Sie schützen Wasserressourcen, bewahren lokales Wissen und treiben vielerorts praktische Lösungen voran. Auch Soroptimist International of Europe unterstützt Projekte, die den Zugang zu sauberem Wasser verbessern, etwa Solvatten in Schweden oder lokale Brunneninitiativen in der Ukraine. Solche Beispiele zeigen, dass technologische Lösungen und gesellschaftliche Teilhabe zusammen gedacht werden müssen. 

Weltwassertag 

Der Weltwassertag 2026 stand unter dem Motto „Where water flows, equality grows“ beziehungsweise „Water and Gender“ und rückte den Zusammenhang von Wasser, Sanitärversorgung und Geschlechtergerechtigkeit in den Mittelpunkt. Der Tag wird von UNICEF und UN Women geleitet und von UN-Water koordiniert. 

Auch der UN-Weltwasserentwicklungsbericht 2026 legt den Schwerpunkt auf Gleichstellung im Wassersektor. Er betont, dass sicherer und bezahlbarer Zugang zu Wasser ein Menschenrecht ist und dass mehr Investitionen, inklusive Politikansätze und stärkere Führungsrollen für Frauen nötig sind. 

UN-Wasserkonferenz 

Im Dezember 2026 findet die UN-Wasserkonferenz vom 2. bis 4. Dezember in den Vereinigten Arabischen Emiraten statt; Senegal und die Emirate sind gemeinsam Gastgeber. 
Ziel ist es, die Umsetzung von SDG 6 zu beschleunigen und Wasser stärker auf die internationale Agenda zu setzen.
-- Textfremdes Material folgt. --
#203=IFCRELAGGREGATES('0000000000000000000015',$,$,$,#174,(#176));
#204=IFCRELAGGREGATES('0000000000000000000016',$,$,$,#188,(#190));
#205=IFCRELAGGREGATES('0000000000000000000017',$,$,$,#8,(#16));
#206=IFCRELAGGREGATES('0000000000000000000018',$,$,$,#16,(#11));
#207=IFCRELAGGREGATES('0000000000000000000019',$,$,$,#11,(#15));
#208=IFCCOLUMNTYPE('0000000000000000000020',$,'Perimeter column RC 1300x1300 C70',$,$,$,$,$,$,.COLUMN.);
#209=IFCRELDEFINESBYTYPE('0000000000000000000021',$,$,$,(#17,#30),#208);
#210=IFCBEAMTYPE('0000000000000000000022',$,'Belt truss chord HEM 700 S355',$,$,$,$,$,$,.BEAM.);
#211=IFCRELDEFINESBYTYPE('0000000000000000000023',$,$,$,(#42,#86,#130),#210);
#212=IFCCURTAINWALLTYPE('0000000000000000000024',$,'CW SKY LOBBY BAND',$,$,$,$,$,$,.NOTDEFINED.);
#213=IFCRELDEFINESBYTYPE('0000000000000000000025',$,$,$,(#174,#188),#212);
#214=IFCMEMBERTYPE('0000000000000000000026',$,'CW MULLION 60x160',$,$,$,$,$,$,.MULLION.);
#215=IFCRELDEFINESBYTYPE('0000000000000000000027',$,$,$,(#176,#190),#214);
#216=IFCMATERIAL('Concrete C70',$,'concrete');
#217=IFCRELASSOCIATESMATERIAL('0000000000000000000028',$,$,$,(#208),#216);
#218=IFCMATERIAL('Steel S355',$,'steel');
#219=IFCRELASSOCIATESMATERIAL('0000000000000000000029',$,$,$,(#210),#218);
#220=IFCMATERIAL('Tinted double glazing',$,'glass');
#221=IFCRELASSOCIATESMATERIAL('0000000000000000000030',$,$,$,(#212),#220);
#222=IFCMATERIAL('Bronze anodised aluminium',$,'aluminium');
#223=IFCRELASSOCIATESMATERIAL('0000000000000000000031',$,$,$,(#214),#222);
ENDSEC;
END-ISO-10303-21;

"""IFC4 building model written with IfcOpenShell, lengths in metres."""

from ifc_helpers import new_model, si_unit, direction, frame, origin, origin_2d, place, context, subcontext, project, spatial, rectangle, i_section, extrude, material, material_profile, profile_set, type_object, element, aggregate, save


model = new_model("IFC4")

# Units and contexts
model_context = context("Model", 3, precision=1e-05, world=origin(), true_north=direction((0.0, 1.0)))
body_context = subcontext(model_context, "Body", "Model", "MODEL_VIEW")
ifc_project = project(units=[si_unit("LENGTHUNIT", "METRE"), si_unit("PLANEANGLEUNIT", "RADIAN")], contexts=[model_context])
Als thematische Schwerpunkte sind unter anderem Wasser für Menschen, Wohlstand, den Planeten, Kooperation sowie Investitionen vorgesehen.  

Die Konferenz folgt auf die UN-Wasserkonferenz 2023, die erste seit 1977. Seitdem wurden auf UN-Ebene eine systemweite Strategie zu Wasser und Sanitärversorgung sowie ein Sonderbeauftragter des UN-Generalsekretärs für Wasser geschaffen. Das ist ein wichtiger Schritt, reicht angesichts der Größe der Krise aber noch nicht aus. 

Jetzt ist der Zeitpunkt zum Handeln 

Frauen in Führungspositionen werden in den Gremien, in denen über Wasserpolitik und Investitionen entschieden wird, noch immer zu selten berücksichtigt. Deshalb muss auch Soroptimist International seine Interessenvertretung jetzt verstärken. In diesem UN-Internationalen Jahr für Wasser und Geschlechtergleichstellung und mit Blick auf die UN-Wasserkonferenz 2026 haben wir die wichtige Gelegenheit, die Gestaltung der Wasserpolitik zu verändern — und beeinflussen damit auch, wer Gehör findet. 

Als Soroptimistinnen können wir Politikerinnen und Politiker, Meinungsbildnerinnen und Meinungsbildner sowie Mitglieder der Gemeinschaften dafür sensibilisieren, dass Geschlechtergleichstellung, Wassergerechtigkeit und ökologische Verantwortung zusammengehören. Diese Krise lässt sich weder allein auf politischer Ebene noch allein in den Gemeinden lösen. Unsicheres und verschmutztes Wasser ist nicht vor allem Folge individuellen Handelns, sondern entsteht durch industrielle Verschmutzung, ausbeuterische Praktiken, eine unzureichende Durchsetzung von Gesetzen und Systeme, die Umweltschäden ohne Konsequenzen zulassen. 

Regulierung, Verantwortung und Rechte 

Unsere Interessenvertretung beschränkt sich nicht auf Bewusstseinsbildung. Es geht auch um Regulierung, Verantwortung und Rechte. Wirksame Lösungen erfordern globales Handeln: stärkere rechtliche Rahmenbedingungen, unternehmerische Verantwortung, geschlechtergerechte Wasserpolitik und die volle sowie wirksame Beteiligung von Frauen und Mädchen auf allen Entscheidungsebenen. 

Wassergerechtigkeit ist eine Frage von Gerechtigkeit und Würde. Frauen und Mädchen müssen nicht nur als Betroffene anerkannt werden, sondern auch als Führungspersönlichkeiten, die den weiteren Weg mitgestalten. 

Dieser Beitrag ist im Original bei Soroptimist International Europa erschienen und wurde von Pascale Muylaert, SI-Repräsentantin bei den Vereinten Nationen in Genf, Janet Schempf, Soroptimist International of the Americas und Hala Ghoson, Forschungspharmakologin, University of Texas Medical Branch verfasst. Die redaktionelle Bearbeitung hat Susanne Hartmann, Köln, übernommen.